La CPAM Haute Garonne n’a pas constitué avocat.

La MUTUELLE ASSURANCE TRAVAILLEUR MUTUALISTE (MATMUT) ne s’oppose pas à l’expertise en faisant valoir les protestations et réserves d’usage sauf à compléter éventuellement la mission de l’expert. Elle réclame rejet des demandes financières

SUR QUOI, LE JUGE,

La mesure sollicitée est conforme au fondement de l’article 145 du code de procédure civile qui stipule que peuvent être ordonnées en référé toutes mesures légalement admissibles chaque fois qu’il existe un motif légitime de conserver ou d’établir avant tout procès la preuve des faits dont pourrait dépendre la solution d’un litige.

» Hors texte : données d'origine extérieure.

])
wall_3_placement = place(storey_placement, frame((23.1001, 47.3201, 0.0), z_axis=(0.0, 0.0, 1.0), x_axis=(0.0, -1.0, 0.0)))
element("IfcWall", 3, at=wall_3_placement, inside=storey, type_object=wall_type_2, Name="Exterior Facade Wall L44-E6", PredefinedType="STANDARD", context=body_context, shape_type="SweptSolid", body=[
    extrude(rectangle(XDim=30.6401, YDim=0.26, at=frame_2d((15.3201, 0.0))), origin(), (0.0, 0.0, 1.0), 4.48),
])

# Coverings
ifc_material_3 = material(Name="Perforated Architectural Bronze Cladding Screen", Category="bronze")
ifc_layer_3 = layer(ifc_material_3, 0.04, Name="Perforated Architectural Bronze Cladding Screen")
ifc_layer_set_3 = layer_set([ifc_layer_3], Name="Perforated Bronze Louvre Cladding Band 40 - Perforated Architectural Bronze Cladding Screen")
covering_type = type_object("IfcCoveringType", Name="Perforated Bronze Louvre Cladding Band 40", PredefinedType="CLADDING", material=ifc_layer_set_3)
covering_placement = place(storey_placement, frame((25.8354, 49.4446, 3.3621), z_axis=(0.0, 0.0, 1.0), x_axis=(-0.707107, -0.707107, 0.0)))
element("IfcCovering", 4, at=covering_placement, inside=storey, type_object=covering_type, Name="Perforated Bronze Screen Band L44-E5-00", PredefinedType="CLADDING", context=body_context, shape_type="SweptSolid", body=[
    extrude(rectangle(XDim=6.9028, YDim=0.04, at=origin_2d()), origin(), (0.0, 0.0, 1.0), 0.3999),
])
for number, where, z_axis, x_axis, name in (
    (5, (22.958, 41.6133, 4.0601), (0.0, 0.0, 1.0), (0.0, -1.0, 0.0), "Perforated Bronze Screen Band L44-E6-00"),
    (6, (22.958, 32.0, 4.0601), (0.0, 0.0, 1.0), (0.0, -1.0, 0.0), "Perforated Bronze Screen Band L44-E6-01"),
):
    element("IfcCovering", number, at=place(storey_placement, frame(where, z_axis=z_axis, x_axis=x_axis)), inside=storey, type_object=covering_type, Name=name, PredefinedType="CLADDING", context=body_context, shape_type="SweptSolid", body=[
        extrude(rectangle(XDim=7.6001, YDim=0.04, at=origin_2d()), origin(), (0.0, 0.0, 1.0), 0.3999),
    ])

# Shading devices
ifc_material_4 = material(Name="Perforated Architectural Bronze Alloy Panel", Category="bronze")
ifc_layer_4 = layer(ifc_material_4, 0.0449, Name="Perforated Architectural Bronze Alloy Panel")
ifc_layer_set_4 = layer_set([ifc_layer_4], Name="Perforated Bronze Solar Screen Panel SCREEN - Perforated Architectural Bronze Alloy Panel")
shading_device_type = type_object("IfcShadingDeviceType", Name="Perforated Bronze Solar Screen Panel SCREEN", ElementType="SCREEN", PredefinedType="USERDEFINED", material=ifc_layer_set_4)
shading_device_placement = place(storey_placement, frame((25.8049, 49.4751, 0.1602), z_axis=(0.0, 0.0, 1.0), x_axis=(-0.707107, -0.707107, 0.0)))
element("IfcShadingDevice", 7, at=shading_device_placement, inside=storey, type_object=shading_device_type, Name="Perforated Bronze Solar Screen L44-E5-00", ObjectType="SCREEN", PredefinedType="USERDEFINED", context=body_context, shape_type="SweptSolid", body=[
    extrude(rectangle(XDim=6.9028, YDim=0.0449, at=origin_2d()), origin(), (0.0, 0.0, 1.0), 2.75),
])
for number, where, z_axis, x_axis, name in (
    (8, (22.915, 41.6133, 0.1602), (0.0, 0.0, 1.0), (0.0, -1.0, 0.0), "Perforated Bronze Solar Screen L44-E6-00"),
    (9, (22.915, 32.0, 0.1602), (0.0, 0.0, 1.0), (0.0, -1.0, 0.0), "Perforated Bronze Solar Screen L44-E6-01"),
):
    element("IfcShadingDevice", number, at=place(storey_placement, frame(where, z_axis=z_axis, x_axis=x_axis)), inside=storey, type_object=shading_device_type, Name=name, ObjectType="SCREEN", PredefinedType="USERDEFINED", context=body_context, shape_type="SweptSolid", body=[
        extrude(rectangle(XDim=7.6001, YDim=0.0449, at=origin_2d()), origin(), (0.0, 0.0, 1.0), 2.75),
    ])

La partie requérante produit des justificatifs suffisants (constat amiable, certificat médical, arrêt de travail, compte rendu médical notamment) établissant la nécessité de l’expertise demandée qui en tout état de cause rejoint l’intérêt de chacune des parties dans la perspective d’une défense loyale de leurs droits respectifs, sans préjudicier au fond.

S’agissant de la demande provisionnelle, il n’est pas contesté que la demanderesse était passagère lors de l’accident et que le véhicule était assuré par la MATMUT. S’il semble que des retards dans les échanges entre cet assureur et la demanderesse sont à noter, les circonstances de l’accident permettent de faire droit à la demande de provision ad litem à hauteur de 900 euros.

La demande relative à l’article 700 du code de procédure civile est prématurée.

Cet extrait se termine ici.